CRCD Hosted NVIDIA Workshops | Center for Research Computing and Data

Adding New Knowledge to LLMs
Nov. 12, 2-4pm ET
Maximum Number of attendees: 40

Large Language Models (LLMs) are powerful, but their knowledge is often general-purpose and may lack the specific, up-to-date, or specialized information required for enterprise applications. The "Adding Knowledge to LLMs" workshop provides a comprehensive, hands-on guide to the essential techniques for augmenting and customizing LLMs.

This workshop takes you on a complete journey from raw data to a fine-tuned, optimized model. You will begin by learning how to curate high-quality datasets and generate synthetic data with NVIDIA NeMo Curator. Next, you will dive deep into the crucial process of model evaluation, using benchmarks, LLM-as-a-judge, and the NeMo Evaluator to rigorously assess model performance. With a solid foundation in evaluation, you will then explore a suite of powerful customization techniques, including Continued Pretraining to inject new knowledge, Supervised Fine-Tuning to teach new skills, and Direct Preference Optimization (DPO) to align model behavior with human preferences.

Finally, you will learn to make your customized models efficient for real-world deployment by exploring essential optimization techniques like quantization, pruning, and knowledge distillation using TensorRT-LLM and the NeMo framework.
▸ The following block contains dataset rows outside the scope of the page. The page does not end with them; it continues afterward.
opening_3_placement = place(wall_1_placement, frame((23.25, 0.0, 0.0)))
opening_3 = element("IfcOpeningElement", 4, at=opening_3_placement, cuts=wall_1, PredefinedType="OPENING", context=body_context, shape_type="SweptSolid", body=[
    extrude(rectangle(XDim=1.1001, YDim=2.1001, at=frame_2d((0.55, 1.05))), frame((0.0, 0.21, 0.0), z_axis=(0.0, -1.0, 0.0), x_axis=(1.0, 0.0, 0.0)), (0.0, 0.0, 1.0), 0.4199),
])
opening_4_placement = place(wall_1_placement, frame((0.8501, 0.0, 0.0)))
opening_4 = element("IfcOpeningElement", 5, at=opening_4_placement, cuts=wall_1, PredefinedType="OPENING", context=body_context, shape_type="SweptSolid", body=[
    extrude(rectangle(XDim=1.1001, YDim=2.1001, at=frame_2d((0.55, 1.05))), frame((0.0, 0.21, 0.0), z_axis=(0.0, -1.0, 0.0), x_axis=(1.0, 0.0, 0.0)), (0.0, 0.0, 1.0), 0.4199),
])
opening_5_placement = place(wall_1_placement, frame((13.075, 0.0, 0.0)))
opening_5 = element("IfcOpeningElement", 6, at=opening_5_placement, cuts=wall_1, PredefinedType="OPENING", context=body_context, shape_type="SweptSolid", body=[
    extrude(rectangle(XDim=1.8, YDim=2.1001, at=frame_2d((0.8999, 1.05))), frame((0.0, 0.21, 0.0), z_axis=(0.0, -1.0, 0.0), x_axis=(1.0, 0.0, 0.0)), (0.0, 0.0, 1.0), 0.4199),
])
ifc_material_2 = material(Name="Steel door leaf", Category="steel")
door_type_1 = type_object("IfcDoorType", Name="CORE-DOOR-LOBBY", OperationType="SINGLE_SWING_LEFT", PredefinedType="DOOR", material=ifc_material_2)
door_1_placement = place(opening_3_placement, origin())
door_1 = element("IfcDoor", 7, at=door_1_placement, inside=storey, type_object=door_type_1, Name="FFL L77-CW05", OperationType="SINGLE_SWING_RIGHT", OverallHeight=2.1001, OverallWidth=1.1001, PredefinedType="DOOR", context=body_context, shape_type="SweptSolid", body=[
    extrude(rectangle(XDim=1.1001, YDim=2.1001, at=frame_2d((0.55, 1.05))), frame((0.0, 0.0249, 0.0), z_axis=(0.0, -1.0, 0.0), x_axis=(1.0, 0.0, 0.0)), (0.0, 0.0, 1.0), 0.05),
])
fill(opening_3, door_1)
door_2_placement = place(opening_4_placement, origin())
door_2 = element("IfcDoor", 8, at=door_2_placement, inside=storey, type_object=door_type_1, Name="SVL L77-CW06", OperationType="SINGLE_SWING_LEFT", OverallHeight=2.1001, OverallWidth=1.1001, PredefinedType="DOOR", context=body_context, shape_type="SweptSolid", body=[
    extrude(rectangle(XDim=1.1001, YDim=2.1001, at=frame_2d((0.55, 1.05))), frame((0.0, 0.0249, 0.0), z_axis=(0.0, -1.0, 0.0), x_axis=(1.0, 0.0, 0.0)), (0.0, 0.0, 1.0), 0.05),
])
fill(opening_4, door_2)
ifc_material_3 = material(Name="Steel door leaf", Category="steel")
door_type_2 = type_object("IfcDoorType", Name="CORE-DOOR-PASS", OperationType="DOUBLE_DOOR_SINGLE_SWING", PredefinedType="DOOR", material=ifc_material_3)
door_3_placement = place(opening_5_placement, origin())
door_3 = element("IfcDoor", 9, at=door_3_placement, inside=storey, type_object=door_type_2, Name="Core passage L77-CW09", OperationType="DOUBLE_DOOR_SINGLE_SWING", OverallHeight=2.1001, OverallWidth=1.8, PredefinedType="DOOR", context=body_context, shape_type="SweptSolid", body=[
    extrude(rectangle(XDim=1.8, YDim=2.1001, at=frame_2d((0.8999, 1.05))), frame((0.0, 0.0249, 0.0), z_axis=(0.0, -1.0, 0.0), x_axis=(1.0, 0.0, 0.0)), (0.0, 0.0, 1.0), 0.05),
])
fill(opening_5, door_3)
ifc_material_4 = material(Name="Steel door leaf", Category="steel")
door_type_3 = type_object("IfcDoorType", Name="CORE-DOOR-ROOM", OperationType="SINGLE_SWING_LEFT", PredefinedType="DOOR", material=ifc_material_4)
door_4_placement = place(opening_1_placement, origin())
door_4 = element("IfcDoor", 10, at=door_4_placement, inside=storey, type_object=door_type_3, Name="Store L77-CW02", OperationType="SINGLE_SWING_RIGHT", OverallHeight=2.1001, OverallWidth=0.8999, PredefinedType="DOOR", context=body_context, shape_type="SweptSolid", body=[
The workshop culminates in a hands-on assessment where you will apply your new skills to align an LLM to a specific conversational style, solidifying your ability to tailor models for any application.
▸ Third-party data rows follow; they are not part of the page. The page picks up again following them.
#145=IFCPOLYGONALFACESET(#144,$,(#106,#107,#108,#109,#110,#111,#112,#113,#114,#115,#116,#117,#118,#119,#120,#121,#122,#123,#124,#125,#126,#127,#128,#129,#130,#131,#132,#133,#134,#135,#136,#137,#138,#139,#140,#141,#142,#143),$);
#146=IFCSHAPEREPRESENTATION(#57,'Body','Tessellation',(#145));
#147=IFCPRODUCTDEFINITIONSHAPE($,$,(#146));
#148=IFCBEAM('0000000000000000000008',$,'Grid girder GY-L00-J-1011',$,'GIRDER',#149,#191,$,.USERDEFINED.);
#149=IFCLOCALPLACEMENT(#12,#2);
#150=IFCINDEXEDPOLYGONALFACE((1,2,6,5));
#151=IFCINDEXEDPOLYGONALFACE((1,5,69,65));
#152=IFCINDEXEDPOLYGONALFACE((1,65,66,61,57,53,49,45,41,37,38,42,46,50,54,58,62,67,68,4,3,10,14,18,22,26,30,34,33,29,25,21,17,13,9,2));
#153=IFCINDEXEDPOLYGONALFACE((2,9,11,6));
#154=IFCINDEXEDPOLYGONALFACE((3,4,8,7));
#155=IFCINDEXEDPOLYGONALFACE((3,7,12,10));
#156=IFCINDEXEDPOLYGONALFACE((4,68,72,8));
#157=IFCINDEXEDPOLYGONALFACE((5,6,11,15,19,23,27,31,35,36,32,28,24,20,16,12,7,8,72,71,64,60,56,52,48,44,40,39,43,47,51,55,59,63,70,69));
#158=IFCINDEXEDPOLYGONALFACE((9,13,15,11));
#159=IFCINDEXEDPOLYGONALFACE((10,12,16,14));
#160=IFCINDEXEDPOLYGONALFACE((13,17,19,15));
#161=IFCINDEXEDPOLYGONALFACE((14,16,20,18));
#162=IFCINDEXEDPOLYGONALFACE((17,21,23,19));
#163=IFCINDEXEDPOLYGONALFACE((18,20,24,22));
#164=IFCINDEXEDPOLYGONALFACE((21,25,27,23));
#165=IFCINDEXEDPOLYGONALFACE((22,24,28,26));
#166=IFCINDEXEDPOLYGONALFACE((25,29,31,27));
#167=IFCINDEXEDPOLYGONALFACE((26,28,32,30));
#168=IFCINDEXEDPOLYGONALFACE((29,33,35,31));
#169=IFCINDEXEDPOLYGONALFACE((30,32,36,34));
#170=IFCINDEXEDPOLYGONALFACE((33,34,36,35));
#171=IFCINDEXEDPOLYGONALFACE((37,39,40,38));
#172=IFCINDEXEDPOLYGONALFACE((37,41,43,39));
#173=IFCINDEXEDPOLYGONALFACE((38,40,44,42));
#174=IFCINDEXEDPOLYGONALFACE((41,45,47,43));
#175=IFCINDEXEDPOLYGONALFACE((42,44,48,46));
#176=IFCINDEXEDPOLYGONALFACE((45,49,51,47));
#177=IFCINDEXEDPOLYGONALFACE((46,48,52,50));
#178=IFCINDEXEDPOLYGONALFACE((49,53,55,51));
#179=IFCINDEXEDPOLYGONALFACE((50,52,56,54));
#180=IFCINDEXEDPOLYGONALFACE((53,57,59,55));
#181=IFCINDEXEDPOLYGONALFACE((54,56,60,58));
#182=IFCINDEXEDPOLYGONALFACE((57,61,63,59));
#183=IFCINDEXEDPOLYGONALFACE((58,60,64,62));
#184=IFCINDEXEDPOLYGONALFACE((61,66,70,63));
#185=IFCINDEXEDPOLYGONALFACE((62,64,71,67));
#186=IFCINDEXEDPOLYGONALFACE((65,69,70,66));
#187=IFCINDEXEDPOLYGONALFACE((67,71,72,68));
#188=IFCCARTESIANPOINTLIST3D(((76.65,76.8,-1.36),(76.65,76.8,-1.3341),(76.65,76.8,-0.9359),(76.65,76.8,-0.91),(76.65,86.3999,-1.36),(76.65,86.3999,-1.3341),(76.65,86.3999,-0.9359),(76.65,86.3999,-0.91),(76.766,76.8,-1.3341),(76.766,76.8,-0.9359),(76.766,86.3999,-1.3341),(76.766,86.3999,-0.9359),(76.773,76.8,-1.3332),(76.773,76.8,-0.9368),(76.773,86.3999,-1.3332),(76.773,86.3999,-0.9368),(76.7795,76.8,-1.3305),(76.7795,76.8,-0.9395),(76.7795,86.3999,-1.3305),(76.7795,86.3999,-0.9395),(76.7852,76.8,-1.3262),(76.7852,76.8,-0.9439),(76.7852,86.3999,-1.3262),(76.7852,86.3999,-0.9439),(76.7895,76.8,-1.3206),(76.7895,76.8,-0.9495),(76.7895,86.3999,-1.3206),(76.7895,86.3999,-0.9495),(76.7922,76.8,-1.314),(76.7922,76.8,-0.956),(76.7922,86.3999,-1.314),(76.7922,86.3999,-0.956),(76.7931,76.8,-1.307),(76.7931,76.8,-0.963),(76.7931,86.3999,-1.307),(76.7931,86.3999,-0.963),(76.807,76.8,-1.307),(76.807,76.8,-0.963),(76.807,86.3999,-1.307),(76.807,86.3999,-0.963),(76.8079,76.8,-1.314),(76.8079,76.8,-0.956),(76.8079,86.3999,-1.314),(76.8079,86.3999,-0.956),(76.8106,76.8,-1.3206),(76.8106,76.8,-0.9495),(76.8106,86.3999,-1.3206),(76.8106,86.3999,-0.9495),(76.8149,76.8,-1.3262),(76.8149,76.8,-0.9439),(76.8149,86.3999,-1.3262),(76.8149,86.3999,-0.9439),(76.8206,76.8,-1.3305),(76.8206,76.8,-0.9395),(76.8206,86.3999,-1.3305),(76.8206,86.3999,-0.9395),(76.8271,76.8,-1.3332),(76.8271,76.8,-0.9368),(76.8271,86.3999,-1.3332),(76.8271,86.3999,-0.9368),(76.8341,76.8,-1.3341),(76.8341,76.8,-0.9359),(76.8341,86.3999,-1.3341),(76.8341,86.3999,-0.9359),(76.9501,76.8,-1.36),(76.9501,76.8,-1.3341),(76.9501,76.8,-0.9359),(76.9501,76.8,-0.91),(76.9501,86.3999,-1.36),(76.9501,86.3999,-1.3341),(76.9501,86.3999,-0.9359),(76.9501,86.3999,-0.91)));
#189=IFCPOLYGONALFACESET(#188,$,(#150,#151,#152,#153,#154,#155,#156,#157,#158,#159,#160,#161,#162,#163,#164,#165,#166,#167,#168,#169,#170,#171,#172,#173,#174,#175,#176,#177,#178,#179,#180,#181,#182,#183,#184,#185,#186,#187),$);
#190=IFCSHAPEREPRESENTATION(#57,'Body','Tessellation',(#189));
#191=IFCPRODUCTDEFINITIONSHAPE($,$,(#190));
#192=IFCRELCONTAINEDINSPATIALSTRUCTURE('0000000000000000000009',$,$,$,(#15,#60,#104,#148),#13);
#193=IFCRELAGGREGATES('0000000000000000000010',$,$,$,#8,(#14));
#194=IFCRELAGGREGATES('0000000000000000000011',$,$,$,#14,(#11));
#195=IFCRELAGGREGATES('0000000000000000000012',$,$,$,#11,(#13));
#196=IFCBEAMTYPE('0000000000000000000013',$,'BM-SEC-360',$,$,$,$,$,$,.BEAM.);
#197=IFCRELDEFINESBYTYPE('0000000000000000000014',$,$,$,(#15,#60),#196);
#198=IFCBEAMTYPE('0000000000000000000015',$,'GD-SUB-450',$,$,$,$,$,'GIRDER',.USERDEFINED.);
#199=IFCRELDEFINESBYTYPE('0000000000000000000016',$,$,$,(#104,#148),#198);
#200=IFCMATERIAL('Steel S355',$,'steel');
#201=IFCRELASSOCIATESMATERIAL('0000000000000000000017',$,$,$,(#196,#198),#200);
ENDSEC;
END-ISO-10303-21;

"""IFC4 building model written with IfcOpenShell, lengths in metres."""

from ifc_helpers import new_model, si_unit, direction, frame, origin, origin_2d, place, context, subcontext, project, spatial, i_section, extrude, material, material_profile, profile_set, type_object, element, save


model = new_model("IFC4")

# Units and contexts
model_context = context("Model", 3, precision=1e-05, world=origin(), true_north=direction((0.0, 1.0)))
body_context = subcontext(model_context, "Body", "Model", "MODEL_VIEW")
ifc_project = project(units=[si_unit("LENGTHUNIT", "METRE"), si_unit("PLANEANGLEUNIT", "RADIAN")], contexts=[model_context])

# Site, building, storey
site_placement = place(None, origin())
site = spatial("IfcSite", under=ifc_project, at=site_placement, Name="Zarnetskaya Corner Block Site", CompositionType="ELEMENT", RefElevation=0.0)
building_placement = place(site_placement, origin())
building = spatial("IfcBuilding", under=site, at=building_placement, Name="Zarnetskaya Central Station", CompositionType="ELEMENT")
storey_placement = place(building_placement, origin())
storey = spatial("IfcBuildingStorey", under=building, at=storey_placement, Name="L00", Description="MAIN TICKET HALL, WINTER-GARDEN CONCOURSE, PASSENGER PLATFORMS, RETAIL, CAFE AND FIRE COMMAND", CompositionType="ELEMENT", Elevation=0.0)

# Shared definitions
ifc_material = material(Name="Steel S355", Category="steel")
Domain-Adaptive Pre-Training: Tailoring LLMs for Specialized Applications
Dec. 3, 2-4pm ET
Maximum Number of Attendees: 40

While Large Language Models (LLMs) are broadly capable, their general knowledge often falls short of the specialized, domain-specific information required for enterprise applications. This hands-on lab provides a focused, end-to-end approach for building domain-specific large language models. You'll learn how to curate domain-specific datasets, design and train custom tokenizers, and execute the pre-training process to tailor LLMs for specialized applications. You'll gain practical skills and knowledge necessary to adapt LLMs to your unique domain requirements and to real-world use cases. This course takes you on a practical journey from initial data preparation to a domain-adapted, fine-tuned model.